Anyway, I have a bunch of plastic storage bins around the house. The clear plastic rubbermaid type with a plastic lid and two latching handles. Are these suitable for use as a tupperdore? I guess the only variable is the ability for the lid to seal. I'm unaware of how well these type of storage boxes do seal. Has anybody tried it? Any advice?

Thanks.


----------



## D307P (Sep 28, 2012)

I have seen pictures of members using them for storage. As long as the lid seals tightly. One member used some of the foam weather stripping that comes in a roll that you can pick up at the hardware store and put it around the lid where it would seal to the bottom. Use empty wooden cigar boxes to help control the RH, and put kitty litter inside media bag or the leg of a cutoff pantyhose. Pick up a digital hygrometer. The storage bins should work great for you.


----------



## piperdown (Jul 19, 2009)

You have to use foam weather seal as Dave indicated above, otherwise it will not seal completely.


----------



## sh40218 (Oct 26, 2012)

I've found that craft stores like JoAnn Fabrics & Michaels have a great selection of storage containers. Most of which seal airtight and come in various sizes. I'm to the point where I have "overstock" I need to store.

My concern is getting enough wood inside the box to control Light/heat and RH correctly. Other than that I'm planning on tossing in my sticks and a few Boveda Packs.


----------



## neonblackjack (Oct 27, 2010)

sh40218 said:


> I've found that craft stores like JoAnn Fabrics & Michaels have a great selection of storage containers. Most of which seal airtight and come in various sizes. I'm to the point where I have "overstock" I need to store.
> 
> My concern is getting enough wood inside the box to control Light/heat and RH correctly. Other than that I'm planning on tossing in my sticks and a few Boveda Packs.


I decided on a Sterilite 35-quart because it's long and deep enough to fit multiple cigar boxes and has latching handles. I picked up some Vinyl Foam Weather Strips because those are the ones advertising 100% waterproof and weather resistant, so I assume they'll seal in the humidity.

A further question: should I store my cigars in cigar boxes, and should the boxes be open or closed? Does this matter?

Also, regarding the wood, should I "season" the cigar boxes inside the tupperdore in a similar way as seasoning a cedar humidor?

Thanks!


----------



## jswaykos (Oct 26, 2010)

I've used these: The Container Store > Watertight Totes.
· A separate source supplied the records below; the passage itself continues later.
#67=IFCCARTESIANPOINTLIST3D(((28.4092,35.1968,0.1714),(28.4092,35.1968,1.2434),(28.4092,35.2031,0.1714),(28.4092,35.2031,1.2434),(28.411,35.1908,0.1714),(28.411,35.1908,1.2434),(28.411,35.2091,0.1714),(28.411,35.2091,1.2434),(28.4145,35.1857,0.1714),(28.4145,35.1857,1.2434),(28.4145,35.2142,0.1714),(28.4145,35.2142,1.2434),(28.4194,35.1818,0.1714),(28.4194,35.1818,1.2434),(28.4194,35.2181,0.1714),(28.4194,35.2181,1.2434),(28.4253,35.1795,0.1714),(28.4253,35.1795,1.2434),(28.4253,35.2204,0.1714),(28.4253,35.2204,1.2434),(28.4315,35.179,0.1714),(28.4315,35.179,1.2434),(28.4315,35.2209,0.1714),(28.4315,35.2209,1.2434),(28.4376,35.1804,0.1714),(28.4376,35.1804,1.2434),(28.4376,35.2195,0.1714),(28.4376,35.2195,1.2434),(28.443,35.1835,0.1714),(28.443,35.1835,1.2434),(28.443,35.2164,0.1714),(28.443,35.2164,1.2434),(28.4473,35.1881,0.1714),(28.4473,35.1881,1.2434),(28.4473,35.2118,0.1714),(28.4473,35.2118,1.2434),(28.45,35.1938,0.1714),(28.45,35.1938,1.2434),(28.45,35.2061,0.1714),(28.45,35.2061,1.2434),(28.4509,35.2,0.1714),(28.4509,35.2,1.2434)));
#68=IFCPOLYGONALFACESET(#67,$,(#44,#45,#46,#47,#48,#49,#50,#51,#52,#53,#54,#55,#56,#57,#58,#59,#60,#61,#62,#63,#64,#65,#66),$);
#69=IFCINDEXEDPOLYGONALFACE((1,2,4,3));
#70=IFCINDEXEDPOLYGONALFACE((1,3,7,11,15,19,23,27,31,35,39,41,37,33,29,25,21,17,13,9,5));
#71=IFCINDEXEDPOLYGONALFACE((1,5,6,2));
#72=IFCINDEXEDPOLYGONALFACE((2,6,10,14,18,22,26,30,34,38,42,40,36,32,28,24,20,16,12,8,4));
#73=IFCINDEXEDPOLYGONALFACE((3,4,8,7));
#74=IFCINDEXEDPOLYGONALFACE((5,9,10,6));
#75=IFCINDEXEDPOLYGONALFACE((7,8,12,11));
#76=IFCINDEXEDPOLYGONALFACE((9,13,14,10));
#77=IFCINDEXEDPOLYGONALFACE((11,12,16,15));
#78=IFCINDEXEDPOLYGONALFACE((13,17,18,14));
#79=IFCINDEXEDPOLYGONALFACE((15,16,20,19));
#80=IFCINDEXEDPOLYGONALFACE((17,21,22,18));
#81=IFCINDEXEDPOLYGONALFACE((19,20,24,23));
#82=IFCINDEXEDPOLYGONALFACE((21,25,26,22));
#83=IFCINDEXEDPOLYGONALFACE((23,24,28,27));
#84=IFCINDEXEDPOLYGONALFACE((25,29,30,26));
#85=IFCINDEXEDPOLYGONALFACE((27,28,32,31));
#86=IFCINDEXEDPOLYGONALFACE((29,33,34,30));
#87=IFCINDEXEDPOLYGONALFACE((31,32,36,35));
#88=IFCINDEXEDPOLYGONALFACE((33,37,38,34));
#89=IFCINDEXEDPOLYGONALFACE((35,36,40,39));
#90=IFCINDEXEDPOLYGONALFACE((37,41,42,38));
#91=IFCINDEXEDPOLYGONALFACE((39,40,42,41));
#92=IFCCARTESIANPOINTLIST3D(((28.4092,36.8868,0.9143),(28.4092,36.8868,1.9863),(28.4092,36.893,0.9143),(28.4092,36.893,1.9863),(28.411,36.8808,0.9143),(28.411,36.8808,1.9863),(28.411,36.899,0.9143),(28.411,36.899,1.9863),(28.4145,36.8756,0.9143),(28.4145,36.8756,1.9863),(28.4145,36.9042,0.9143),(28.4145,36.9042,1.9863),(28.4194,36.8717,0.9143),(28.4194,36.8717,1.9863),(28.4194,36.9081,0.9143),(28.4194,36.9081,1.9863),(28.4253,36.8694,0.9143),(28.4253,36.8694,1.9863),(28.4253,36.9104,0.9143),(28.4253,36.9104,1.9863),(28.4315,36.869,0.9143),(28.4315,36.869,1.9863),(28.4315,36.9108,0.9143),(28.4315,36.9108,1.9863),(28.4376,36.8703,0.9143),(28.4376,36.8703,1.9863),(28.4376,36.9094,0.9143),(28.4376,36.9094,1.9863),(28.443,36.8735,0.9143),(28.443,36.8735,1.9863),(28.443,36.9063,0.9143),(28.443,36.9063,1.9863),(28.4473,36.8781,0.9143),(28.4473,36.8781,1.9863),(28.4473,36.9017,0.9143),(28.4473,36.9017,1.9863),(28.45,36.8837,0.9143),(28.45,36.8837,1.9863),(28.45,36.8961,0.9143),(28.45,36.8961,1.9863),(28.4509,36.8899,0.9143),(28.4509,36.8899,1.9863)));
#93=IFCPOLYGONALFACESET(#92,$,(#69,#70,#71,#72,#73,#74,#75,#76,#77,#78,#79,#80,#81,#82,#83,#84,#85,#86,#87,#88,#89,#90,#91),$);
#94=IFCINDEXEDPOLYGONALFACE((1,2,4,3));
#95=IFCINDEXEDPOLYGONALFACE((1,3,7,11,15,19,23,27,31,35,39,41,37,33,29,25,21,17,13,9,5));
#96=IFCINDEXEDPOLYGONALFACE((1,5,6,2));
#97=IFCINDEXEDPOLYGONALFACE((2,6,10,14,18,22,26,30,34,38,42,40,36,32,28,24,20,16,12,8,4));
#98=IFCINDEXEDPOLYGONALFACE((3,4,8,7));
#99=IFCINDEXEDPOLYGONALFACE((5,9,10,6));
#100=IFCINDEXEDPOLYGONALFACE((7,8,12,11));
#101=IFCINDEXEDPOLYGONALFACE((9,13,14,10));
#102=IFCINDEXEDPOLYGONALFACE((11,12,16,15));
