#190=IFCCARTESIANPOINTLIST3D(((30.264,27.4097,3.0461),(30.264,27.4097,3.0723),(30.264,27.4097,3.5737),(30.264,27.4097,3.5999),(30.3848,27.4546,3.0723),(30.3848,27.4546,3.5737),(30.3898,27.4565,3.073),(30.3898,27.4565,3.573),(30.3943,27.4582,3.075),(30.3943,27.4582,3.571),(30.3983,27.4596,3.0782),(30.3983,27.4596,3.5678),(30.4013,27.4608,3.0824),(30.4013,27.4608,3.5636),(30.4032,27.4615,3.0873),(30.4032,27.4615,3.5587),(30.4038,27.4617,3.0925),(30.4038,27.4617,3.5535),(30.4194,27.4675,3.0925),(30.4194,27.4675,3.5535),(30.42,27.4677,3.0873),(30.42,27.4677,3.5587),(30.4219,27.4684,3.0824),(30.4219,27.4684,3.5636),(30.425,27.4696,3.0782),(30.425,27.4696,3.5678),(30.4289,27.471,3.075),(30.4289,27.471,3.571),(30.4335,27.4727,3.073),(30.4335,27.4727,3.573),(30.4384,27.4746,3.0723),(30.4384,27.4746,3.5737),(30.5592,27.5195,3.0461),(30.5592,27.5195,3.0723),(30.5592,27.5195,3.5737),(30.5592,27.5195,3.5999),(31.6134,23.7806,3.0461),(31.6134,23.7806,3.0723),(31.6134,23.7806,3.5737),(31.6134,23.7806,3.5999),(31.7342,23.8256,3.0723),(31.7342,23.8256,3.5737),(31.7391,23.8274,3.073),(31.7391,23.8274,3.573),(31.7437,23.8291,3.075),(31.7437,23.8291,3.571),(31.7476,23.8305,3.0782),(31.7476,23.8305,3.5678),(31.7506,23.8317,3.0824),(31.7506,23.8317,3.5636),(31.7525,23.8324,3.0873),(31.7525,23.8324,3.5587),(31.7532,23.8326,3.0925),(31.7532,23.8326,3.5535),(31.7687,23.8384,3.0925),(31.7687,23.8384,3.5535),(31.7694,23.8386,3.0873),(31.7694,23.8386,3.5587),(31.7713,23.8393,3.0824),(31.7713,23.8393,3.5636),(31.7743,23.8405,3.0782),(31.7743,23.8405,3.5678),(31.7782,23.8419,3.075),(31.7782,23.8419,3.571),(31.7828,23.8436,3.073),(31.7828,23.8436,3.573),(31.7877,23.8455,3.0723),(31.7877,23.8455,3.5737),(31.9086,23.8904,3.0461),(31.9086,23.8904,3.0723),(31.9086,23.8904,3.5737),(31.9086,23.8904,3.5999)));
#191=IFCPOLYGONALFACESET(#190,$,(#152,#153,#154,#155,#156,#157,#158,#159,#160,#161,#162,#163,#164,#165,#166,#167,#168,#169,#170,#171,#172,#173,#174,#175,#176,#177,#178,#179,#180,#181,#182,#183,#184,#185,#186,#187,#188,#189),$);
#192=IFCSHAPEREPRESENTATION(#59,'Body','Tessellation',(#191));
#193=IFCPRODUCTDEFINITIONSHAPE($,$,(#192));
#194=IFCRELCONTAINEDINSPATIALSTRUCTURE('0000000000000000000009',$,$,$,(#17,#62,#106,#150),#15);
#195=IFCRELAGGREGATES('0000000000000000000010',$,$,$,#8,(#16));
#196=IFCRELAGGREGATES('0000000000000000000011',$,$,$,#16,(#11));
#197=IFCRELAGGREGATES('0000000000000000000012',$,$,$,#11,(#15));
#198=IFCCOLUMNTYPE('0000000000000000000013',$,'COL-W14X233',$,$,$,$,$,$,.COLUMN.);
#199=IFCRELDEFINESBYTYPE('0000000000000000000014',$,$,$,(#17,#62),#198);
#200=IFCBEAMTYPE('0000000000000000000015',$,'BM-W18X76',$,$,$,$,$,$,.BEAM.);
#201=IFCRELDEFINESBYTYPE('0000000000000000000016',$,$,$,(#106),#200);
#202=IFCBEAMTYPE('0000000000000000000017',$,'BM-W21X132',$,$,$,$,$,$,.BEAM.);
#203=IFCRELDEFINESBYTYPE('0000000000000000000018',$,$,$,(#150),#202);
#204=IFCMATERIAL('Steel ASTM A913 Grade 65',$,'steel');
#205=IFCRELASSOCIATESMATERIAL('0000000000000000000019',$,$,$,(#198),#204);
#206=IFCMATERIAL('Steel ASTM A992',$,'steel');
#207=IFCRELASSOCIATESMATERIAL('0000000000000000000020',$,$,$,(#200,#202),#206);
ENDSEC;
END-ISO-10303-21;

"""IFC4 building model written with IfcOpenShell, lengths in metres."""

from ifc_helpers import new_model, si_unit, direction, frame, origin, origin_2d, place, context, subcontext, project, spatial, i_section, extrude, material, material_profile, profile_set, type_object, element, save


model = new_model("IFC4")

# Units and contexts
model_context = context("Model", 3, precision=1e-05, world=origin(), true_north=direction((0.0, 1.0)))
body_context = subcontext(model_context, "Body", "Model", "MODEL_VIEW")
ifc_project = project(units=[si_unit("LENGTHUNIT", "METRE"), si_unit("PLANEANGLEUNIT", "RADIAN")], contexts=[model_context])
Office Depot also sells something very similar.


----------



## Herf N Turf (Dec 31, 2008)

Yes, in cigar boxes would be preferable. The boxes will help tremendously in terms of maintaining RH. Crack them slightly open to allow for some air exchange. You definitely want the boxes seasoned to your preferred RH.


----------



## splattttttt (May 17, 2012)

jswaykos said:


> I've used these: The Container Store > Watertight Totes. Office Depot also sells something very similar.


Just ordered two, thanks to you Joe! RG bump comin yer way brother. Thanks!


----------